Waar De Slag om de Schelde zich beperkte tot de strijd om de Sloedam, pakt Het Grote Offensief het grootser aan. Niet alleen geografisch (heel Zeeland komt aan bod), maar ook inhoudelijk en stilistisch. De film is een hybride vorm: deels documentaire, deels speelfilm, met animaties en archiefmateriaal als verbindend weefsel. Het resultaat is verre van een standaard geschiedenisles: het is een meeslepend audiovisueel geheel dat de informatieve kracht van Het Verhaal van Nederland (NTR) combineert met de verbeeldingskracht van een historische dramafilm.

Onderbelicht verhaal

Tijdens de bevrijding van Europa was de Westerschelde van levensbelang voor de bevoorrading van de geallieerden. Zonder deze bevoorrading was een offensief tegen nazi-Duitsland niet mogelijk. De prijs die Zeeland daarvoor betaalde, wordt in deze film pijnlijk duidelijk. Walcheren werd opzettelijk onder water gezet, steden als Middelburg en Vlissingen werden gebombardeerd en duizenden burgers kwamen om. Van Heijningen jr.: ‘Als je er een beetje in duikt, zie je hoe verwoestend de oorlog voor de Zeeuwen is geweest.’ (VPRO Gids) Van Heijningen jr. en producent Alain de Levita maakten eerder verschillende films in Zeeland (waaronder de romcom Weg van Jou in 2017).
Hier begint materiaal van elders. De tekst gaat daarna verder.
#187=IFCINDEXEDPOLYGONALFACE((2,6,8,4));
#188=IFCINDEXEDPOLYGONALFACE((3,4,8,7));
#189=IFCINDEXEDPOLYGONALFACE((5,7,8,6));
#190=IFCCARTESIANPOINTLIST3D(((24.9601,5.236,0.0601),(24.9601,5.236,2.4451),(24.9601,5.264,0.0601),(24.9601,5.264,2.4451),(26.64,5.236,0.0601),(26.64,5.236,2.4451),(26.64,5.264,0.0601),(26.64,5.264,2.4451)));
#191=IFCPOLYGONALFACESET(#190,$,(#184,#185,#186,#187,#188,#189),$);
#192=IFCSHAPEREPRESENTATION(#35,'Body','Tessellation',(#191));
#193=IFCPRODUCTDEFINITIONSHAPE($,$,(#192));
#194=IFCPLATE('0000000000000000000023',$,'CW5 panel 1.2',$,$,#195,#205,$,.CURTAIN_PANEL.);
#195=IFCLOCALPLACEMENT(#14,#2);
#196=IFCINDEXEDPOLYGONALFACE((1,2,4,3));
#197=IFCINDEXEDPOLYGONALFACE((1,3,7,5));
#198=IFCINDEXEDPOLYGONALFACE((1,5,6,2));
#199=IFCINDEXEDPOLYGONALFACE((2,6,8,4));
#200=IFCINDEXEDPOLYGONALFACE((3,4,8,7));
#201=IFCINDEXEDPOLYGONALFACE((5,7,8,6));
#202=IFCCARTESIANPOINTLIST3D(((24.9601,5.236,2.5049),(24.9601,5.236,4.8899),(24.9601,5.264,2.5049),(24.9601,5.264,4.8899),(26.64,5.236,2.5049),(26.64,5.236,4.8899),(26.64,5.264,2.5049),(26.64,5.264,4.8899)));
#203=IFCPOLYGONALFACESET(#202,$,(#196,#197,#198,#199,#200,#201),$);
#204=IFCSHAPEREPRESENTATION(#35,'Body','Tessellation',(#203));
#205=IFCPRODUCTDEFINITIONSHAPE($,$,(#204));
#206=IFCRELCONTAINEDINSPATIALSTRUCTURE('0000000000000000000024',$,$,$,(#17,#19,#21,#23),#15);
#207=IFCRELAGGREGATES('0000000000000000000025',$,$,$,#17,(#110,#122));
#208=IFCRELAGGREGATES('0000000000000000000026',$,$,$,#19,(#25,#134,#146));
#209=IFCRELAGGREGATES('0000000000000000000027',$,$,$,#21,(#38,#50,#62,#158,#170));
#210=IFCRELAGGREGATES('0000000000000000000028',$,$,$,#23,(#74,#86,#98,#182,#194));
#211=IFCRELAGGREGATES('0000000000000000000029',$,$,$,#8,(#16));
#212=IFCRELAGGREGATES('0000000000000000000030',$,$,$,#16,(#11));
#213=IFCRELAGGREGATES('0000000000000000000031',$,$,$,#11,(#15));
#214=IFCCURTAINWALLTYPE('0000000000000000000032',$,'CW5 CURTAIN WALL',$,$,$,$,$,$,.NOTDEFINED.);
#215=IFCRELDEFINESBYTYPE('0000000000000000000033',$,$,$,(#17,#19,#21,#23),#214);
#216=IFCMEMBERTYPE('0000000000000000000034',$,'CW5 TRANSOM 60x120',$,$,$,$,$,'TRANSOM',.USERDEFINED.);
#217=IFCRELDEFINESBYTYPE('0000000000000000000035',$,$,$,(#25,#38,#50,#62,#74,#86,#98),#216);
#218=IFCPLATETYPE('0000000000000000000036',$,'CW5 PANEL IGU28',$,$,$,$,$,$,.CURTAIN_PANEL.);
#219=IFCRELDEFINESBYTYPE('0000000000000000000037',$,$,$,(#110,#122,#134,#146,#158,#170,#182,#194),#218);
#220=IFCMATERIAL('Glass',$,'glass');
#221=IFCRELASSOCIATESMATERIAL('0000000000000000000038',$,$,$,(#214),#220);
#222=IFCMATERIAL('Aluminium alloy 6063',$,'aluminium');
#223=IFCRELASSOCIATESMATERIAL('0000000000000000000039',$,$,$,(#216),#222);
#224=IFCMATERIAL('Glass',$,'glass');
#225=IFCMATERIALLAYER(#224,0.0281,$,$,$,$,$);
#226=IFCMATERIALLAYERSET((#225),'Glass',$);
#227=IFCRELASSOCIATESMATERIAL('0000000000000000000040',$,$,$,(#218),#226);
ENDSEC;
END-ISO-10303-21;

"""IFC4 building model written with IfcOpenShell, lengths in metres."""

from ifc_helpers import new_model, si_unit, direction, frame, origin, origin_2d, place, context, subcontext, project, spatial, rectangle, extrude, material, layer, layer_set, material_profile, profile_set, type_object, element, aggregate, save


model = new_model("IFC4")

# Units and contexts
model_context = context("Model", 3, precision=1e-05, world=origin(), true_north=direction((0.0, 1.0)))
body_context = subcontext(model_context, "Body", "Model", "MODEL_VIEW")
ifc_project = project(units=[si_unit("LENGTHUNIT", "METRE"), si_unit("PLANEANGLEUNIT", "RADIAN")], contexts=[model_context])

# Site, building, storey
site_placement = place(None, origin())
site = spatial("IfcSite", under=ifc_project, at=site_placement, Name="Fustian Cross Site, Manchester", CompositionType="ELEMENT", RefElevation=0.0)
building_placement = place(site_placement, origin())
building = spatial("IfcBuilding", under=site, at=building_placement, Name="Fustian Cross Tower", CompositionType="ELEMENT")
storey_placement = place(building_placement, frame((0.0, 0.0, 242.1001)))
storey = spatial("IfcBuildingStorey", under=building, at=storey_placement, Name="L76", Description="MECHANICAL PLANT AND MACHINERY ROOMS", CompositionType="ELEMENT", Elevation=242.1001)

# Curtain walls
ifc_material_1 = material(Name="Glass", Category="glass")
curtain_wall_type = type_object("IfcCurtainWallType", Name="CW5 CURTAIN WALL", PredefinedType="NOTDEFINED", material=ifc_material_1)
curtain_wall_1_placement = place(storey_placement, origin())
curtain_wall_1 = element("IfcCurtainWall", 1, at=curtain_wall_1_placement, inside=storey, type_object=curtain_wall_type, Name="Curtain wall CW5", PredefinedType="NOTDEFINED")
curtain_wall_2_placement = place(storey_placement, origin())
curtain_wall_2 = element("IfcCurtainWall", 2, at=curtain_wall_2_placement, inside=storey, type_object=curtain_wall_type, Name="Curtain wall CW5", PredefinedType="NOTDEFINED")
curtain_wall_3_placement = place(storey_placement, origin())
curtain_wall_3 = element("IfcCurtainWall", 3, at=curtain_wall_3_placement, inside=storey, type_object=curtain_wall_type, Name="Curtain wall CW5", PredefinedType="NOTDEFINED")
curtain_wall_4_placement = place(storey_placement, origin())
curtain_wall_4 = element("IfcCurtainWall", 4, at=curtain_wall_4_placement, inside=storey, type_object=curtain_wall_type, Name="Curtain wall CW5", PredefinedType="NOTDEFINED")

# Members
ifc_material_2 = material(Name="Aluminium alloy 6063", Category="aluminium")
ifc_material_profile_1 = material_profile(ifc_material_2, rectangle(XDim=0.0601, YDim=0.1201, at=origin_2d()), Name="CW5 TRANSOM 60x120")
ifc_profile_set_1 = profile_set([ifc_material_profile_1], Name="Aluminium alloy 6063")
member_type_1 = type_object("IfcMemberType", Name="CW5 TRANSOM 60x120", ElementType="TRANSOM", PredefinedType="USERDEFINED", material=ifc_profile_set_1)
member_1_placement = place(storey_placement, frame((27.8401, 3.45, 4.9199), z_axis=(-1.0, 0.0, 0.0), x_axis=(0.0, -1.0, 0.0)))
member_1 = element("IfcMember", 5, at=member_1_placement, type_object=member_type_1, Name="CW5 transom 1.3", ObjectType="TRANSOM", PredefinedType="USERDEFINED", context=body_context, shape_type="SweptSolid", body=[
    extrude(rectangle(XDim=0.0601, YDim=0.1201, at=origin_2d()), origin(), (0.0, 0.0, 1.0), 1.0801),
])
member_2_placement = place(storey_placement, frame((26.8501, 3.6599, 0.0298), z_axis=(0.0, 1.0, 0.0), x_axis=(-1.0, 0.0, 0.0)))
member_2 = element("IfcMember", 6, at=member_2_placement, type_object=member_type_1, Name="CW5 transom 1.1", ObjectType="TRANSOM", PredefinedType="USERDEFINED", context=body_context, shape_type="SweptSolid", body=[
Zeeuwen zijn volgens hen bescheiden en praten niet graag over hoe zwaar ze het hebben gehad. Toch willen ze de regio onder de aandacht brengen en hebben ze de afgelopen maanden een bevrijdingscampagne gehouden. Van Heijningen jr.: ‘Daarom zijn ze destijds naar ons toe gekomen met de vraag of we een alomvattende documentaire konden maken over wat zich daar aan het eind van WO II allemaal heeft afgespeeld.’ (VPRO Gids)

Visueel sterk

De verwoesting van Zeeland wordt visueel krachtig in beeld gebracht door animaties die de bombardementen laten zien en aan de hand van nagespeelde scènes die de situatie aan het front tonen. De film opent met een indrukwekkende kaart van Zeeland, waarover de warme en gedragen stem van acteur Gijs Scholten van Aschat de kijker meteen het verhaal in trekt. Vervolgens wisselen historische kaarten, archiefbeelden, animaties en nagespeelde scènes elkaar in hoog tempo af. Deze structuur houdt de vaart erin, zonder dat het verwarrend wordt. Integendeel: het helpt de complexe gebeurtenissen overzichtelijk te maken.
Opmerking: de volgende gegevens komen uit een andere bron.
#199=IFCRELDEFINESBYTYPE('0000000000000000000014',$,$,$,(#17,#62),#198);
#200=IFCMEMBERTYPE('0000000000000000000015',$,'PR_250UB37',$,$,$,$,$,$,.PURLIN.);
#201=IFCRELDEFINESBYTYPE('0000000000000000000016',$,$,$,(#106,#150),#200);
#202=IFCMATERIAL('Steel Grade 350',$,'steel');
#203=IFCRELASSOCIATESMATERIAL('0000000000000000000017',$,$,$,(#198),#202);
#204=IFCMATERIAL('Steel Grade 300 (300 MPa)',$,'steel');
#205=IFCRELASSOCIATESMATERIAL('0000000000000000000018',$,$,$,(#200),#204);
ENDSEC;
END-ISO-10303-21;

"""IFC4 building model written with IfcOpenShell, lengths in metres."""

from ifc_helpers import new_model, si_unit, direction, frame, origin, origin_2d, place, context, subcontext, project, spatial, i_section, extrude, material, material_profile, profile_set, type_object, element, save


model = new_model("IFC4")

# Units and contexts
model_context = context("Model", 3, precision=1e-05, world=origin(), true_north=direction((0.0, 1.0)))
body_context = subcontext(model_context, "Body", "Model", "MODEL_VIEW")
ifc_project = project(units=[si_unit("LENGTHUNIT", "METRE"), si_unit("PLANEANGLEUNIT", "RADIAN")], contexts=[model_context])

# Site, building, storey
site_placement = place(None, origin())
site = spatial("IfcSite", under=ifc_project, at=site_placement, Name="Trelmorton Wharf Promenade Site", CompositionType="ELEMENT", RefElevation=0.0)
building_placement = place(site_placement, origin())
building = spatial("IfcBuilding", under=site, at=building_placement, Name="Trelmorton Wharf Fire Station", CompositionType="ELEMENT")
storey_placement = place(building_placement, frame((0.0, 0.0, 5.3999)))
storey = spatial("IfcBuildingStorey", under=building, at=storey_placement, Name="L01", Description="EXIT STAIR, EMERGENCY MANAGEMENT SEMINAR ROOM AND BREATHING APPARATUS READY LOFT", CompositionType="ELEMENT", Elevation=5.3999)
Een sterk punt van de film zijn de gespeelde scènes waarin we een inkijkje krijgen in de hoofdkwartieren van de geallieerden. Er zijn vergelijkbare films die zo’n inkijkje geven (bijvoorbeeld de recente documentaire over Churchill op Netflix: Churchill at War), maar Het Grote Offensief blinkt uit door de structuur en hybride vorm, die ervoor zorgt dat de kijker anderhalf uur lang geboeid blijft. De personages van generaal Montgomery en president Eisenhower zijn overtuigend neergezet. De acteurs weten hun personages subtiel te laten botsen: de koppige, zelfverzekerde ‘Monty’ tegenover de bedachtzame, strategische ‘Ike’. De film laat zien hoe hun meningsverschillen – Montgomery wilde snel naar Berlijn terwijl Eisenhower koos voor een voorzichtige opmars – medeverantwoordelijk waren voor het uitstel en daarmee voor het bloedige verloop van de Slag om de Schelde.

© Filmdepot

Eerbetoon aan Zeeuwen

Wat de film bijzonder maakt, is dat hij niet blijft hangen in militaire strategie of heroïek, maar nadrukkelijk oog heeft voor het lot van de Zeeuwse burgerbevolking. Door beelden van overstroomde dorpen en archieffragmenten van verwoeste steden voel je als kijker de impact die dit heeft op de gewone mensen. Juist door dat aspect maakt Het Grote Offensief meer indruk dan een oorlogsdocumentaire: het is namelijk ook een eerbetoon aan de Zeeuwen die letterlijk tussen twee vuren kwamen te staan.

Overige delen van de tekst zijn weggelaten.